# PM-1127 Change Gear Table confusion



## tyronejk (Sep 19, 2018)

I have a new 1127 lathe that I'm trying to set up 32 pitch threading on.  The threading table provided in the manual and on the lathe list an "H" gear.  What is that?  Maybe I'm missing something and that "H" isn't a gear at all.

This table is what I'm looking at (32 tpi on the bottom left):


----------



## ttabbal (Sep 19, 2018)

"H" is a spacer. You should have 2 of them in the toolbox that came with the lathe.


----------



## tyronejk (Sep 19, 2018)

Ah perfect. That makes sense. Thanks!


----------



## ttabbal (Oct 9, 2018)

Just in case someone is searching for an issue with metric threads, I'll drop this here. 

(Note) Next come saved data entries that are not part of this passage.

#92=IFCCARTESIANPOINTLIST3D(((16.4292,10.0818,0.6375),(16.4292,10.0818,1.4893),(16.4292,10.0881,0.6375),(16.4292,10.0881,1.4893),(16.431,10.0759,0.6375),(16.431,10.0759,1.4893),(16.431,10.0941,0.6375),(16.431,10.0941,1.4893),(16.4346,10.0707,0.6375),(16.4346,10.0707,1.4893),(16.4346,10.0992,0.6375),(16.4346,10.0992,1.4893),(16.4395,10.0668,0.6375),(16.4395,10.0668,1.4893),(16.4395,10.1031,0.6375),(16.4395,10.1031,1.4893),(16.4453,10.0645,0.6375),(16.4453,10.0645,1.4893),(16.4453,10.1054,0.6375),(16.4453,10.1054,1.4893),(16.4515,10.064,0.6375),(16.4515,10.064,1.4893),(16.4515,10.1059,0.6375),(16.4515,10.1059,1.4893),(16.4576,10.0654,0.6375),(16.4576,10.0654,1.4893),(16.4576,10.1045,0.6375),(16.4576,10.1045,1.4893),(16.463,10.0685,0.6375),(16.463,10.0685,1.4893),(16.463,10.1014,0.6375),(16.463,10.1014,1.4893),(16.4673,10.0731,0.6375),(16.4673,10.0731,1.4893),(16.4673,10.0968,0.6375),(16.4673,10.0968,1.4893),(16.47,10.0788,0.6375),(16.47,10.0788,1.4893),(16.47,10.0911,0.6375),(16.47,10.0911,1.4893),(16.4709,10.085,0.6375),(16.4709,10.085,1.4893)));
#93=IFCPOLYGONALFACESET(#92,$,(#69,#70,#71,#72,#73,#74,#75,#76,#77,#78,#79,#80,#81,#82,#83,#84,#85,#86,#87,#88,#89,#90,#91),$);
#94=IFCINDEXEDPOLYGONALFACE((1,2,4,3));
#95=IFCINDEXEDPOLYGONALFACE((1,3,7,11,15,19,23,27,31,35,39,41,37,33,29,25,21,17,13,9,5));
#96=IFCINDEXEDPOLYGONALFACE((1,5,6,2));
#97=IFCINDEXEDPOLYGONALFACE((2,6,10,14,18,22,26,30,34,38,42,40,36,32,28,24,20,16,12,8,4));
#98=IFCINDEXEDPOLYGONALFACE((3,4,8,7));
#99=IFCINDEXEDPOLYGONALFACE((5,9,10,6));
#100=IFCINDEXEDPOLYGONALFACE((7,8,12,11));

I did my first metric threads on the PM1127 over the weekend. I was going for M10-1.5. It's on the chart, didn't seem too special. So I set it up and did a scratch pass to test with a pitch gauge. It was oh so slightly off. So I tried it with a metal part and a test nut. Nope. Off a bit. After moving gears around and more test cuts than I want to admit.. 

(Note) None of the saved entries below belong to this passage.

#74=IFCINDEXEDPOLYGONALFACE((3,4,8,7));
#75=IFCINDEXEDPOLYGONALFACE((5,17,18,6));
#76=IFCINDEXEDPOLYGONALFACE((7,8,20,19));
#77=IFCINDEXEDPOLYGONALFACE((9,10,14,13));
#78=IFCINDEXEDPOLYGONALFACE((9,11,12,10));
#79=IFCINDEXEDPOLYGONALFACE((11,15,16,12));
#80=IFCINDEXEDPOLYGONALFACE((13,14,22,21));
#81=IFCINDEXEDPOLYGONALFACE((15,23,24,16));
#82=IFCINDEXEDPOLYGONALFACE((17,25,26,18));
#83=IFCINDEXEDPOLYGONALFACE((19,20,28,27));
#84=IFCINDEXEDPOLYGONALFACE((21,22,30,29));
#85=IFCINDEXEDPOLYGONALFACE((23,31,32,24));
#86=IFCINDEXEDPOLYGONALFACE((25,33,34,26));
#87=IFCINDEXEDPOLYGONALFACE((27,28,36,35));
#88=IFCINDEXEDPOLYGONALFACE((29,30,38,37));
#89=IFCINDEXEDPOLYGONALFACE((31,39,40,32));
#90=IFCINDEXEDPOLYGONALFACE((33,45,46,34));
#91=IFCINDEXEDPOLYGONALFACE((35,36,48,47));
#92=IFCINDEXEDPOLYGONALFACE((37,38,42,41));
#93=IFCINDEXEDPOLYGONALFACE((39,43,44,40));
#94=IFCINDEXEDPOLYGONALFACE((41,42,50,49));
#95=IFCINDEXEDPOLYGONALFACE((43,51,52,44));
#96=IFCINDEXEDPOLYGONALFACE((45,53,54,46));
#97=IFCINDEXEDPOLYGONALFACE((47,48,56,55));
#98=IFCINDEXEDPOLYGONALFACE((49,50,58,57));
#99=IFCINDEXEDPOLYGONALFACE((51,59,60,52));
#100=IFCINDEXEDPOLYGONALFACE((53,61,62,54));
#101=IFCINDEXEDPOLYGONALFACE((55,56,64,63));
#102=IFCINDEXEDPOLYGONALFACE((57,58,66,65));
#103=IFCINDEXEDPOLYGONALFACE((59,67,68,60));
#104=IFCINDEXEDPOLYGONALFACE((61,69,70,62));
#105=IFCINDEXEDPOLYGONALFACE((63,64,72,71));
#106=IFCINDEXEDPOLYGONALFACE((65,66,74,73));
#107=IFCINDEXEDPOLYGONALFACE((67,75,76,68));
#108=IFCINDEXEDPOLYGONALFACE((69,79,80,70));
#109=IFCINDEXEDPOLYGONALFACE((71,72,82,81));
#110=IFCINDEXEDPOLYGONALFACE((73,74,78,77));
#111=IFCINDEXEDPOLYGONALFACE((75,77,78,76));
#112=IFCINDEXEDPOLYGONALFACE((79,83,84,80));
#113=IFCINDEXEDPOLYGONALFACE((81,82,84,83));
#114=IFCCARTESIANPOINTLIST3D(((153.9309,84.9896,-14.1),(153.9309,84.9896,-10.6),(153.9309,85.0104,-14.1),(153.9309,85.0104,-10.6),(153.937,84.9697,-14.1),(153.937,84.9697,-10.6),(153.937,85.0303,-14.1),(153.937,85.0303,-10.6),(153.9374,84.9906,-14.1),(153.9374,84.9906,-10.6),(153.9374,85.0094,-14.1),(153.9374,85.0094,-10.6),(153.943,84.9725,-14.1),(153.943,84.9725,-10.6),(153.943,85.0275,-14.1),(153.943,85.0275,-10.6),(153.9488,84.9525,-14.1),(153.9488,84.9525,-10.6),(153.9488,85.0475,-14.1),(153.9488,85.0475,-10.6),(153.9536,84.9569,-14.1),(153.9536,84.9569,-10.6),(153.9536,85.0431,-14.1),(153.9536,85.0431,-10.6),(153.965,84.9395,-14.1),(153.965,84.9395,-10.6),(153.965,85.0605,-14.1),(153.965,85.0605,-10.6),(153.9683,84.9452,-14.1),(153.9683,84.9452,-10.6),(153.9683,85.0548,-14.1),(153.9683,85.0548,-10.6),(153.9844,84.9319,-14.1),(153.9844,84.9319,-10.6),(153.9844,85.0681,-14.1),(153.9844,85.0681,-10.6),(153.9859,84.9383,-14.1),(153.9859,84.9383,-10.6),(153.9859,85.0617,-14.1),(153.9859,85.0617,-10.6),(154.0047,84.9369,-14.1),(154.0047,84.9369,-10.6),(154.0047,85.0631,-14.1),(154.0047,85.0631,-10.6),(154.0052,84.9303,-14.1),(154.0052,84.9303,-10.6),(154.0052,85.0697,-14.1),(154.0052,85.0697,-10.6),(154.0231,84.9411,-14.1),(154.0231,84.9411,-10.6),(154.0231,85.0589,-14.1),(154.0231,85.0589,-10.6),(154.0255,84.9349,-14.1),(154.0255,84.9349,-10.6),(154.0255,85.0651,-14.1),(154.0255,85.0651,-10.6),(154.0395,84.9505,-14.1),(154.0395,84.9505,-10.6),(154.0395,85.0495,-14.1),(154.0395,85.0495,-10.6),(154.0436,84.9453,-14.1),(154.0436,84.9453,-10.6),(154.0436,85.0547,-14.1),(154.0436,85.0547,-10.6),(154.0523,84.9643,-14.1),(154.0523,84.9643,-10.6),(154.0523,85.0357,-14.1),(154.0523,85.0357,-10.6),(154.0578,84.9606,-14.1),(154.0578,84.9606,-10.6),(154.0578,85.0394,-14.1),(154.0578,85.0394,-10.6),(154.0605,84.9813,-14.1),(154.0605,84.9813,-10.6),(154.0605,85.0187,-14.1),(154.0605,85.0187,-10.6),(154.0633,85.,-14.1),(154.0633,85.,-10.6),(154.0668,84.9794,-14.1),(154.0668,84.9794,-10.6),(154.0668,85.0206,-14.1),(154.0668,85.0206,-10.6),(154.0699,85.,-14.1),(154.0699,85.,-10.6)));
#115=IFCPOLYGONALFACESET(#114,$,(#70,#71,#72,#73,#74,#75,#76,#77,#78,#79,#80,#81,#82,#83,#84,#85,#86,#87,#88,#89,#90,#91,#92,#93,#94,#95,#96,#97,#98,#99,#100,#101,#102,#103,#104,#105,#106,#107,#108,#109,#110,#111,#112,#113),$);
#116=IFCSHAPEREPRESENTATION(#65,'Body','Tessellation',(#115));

I grabbed the 55 instead of the 50. 

Things to learn... 

1. Triple check that you have the right gears. 

2. ALWAYS do a scratch pass. 


That hair will probably grow back, if I don't do anything else stupid for a while... Meh, bald might be less painful!


----------



## deadbunny (Apr 4, 2019)

i got a new one too,hate to say it with my experience, but i still can,t get my mind wrapped around the change gear layout chart,also,nothing said in book about feed slip clutch torque adjustments


----------



## ttabbal (Apr 4, 2019)

deadbunny said:


> i got a new one too,hate to say it with my experience, but i still can,t get my mind wrapped around the change gear layout chart,also,nothing said in book about feed slip clutch torque adjustments



What are you stuck on? We can help you get going. Let us know what pitch you want and we'll show you how to set up for it. After you do it a couple of times, it gets easier. 

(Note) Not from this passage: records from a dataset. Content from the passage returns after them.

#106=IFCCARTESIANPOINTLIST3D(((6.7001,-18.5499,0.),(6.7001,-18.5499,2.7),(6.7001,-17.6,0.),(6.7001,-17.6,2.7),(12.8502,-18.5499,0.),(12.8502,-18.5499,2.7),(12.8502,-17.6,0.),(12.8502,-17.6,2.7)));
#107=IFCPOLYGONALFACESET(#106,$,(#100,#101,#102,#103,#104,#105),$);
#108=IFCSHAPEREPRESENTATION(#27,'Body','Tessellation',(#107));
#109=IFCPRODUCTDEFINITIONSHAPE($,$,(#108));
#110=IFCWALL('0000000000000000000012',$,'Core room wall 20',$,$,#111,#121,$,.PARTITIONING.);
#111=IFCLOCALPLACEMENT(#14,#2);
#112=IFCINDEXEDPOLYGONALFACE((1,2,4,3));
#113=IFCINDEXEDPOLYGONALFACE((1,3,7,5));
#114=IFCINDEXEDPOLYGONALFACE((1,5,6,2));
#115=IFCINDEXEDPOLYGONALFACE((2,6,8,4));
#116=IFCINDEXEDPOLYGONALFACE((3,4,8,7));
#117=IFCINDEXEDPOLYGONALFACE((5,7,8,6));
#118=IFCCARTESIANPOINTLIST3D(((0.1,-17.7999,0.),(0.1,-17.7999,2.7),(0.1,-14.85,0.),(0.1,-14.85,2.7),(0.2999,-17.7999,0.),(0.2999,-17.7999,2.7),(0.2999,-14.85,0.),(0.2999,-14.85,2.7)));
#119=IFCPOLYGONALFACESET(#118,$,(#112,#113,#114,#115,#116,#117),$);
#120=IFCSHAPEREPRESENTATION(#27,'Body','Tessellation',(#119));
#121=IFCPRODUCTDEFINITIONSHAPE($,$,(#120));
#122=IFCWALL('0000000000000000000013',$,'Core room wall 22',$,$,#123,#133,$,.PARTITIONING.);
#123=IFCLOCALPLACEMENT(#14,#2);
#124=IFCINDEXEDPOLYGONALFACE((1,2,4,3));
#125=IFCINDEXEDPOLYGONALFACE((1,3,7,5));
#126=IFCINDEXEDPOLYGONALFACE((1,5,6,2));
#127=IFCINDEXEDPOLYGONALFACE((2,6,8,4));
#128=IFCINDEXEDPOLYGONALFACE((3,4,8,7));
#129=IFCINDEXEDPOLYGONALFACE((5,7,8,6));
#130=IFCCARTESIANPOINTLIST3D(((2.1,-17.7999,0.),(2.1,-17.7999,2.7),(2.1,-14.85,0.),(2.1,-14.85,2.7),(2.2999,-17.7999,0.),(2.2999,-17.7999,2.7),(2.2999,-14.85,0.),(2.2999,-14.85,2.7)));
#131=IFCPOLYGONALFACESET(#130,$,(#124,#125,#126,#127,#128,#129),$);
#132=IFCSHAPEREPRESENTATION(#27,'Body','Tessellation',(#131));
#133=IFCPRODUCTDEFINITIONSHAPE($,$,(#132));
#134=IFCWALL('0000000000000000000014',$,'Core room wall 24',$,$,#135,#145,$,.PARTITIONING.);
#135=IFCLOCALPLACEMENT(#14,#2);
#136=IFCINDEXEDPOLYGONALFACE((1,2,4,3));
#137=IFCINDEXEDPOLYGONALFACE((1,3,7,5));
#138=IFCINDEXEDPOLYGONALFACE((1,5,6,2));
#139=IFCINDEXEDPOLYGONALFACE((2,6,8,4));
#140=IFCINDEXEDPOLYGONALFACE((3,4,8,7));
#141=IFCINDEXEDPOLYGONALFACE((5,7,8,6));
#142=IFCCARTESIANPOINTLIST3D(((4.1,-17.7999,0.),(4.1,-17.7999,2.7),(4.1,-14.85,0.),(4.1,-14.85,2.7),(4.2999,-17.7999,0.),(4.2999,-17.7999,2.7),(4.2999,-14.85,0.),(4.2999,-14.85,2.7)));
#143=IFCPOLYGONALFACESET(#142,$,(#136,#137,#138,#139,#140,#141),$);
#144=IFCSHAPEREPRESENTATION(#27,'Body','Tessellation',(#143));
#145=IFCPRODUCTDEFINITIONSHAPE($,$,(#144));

I haven't seen any need to mess with the clutch. Ideally, you never need it.


----------



## MSD0 (Apr 4, 2019)

ttabbal said:


> Just in case someone is searching for an issue with metric threads, I'll drop this here.
> 
> I did my first metric threads on the PM1127 over the weekend. I was going for M10-1.5. It's on the chart, didn't seem too special. So I set it up and did a scratch pass to test with a pitch gauge. It was oh so slightly off. So I tried it with a metal part and a test nut. Nope. Off a bit. After moving gears around and more test cuts than I want to admit..
> 
> ...


I found that it’s a lot easier to thread away from the spindle with the lathe in reverse and the tool upside down. For metric threads, I keep the half nuts engaged and just turn the chuck by hand to get back to the starting point.


----------



## deadbunny (Apr 4, 2019)

thanks for answering  i don,t have a problem reading thread pitches, i have aproblem following the gear placement chart, until i read your post i thought the H might have meant hidden,  the gear train shown doesn't show broken lines for this, i thought i knew what the vertical dash meant, but im not sure, if its directional, do you follow vertical dash, and ignore adjacent gear?got years of experience on laths all kinds, but all quick change, and no Chinese, as to the slip clutch, i can almost activate mine by hand,and i don,t want to tighten it beyond torque, not even sure if you can adjust,as the lathe is still setting on floor while i fab, hd steel table didn't mean to talk so much


----------



## ttabbal (Apr 4, 2019)

That line shows which gears should be meshed together.


----------



## deadbunny (Apr 4, 2019)

thanks  i will try looking at it that way


----------



## deadbunny (Apr 4, 2019)

man do i feel dumb, never even considered it that way, thanks again


----------



## ttabbal (Apr 4, 2019)

deadbunny said:


> man do i feel dumb, never even considered it that way, thanks again



Not at all. We all start somewhere.


----------



## MSD0 (Apr 4, 2019)

It will make a lot more sense when you start putting the gears on the banjo.


----------



## BigWalt (Apr 4, 2019)

Oh,  so now I see who bought all the 1127's, Im told about 5 -6 weeks until new units arrive.  Hope
you guys are having fun with your new machines


----------



## deadbunny (Apr 4, 2019)

deadbunny said:


> man do i feel dumb, never even considered it that way, thanks again





ttabbal said:


> Not at all. We all start somewhere.


yeah lol only trouble is i started about 60 years ago, come to think of it, that might be the problem


----------



## deadbunny (Apr 4, 2019)

BigWalt said:


> Oh,  so now I see who bought all the 1127's, Im told about 5 -6 weeks until new units arrive.  Hope
> you guys are having fun with your new machines


let you know when i get this thing on a custom steel hd table im building, where i can really inspect it,to old to crawel around on the floor


----------



## BigWalt (Apr 4, 2019)

Good Deal Deadbunny, I wait to see the pictures.   be careful don't hurt your back or anything else and most of all enjoy and have fun


----------



## deadbunny (Apr 5, 2019)

o i still sling iron pretty good, back's ok but my knees bother me when i have to crawl around much, got the table framed out of 2 and 3 inch angle, 2- 3/4 inch plates on each end 20 x12 with the middle open, ain,t gonna use the splash pan gonna drop one down just under top as a pull out type with sump and pump.. then a little more frame welding, then kennedy type drawer's and a few shelves, as said i got the main frame built, with casters and leveling jacks. i got to weld down those plates, drill em and check out this lathe, know you didn't ask for all that, seems like the older i get the more i talk just thought others that can stick weld might be interested in design ...thanks for your concern,have a good rest of the night


----------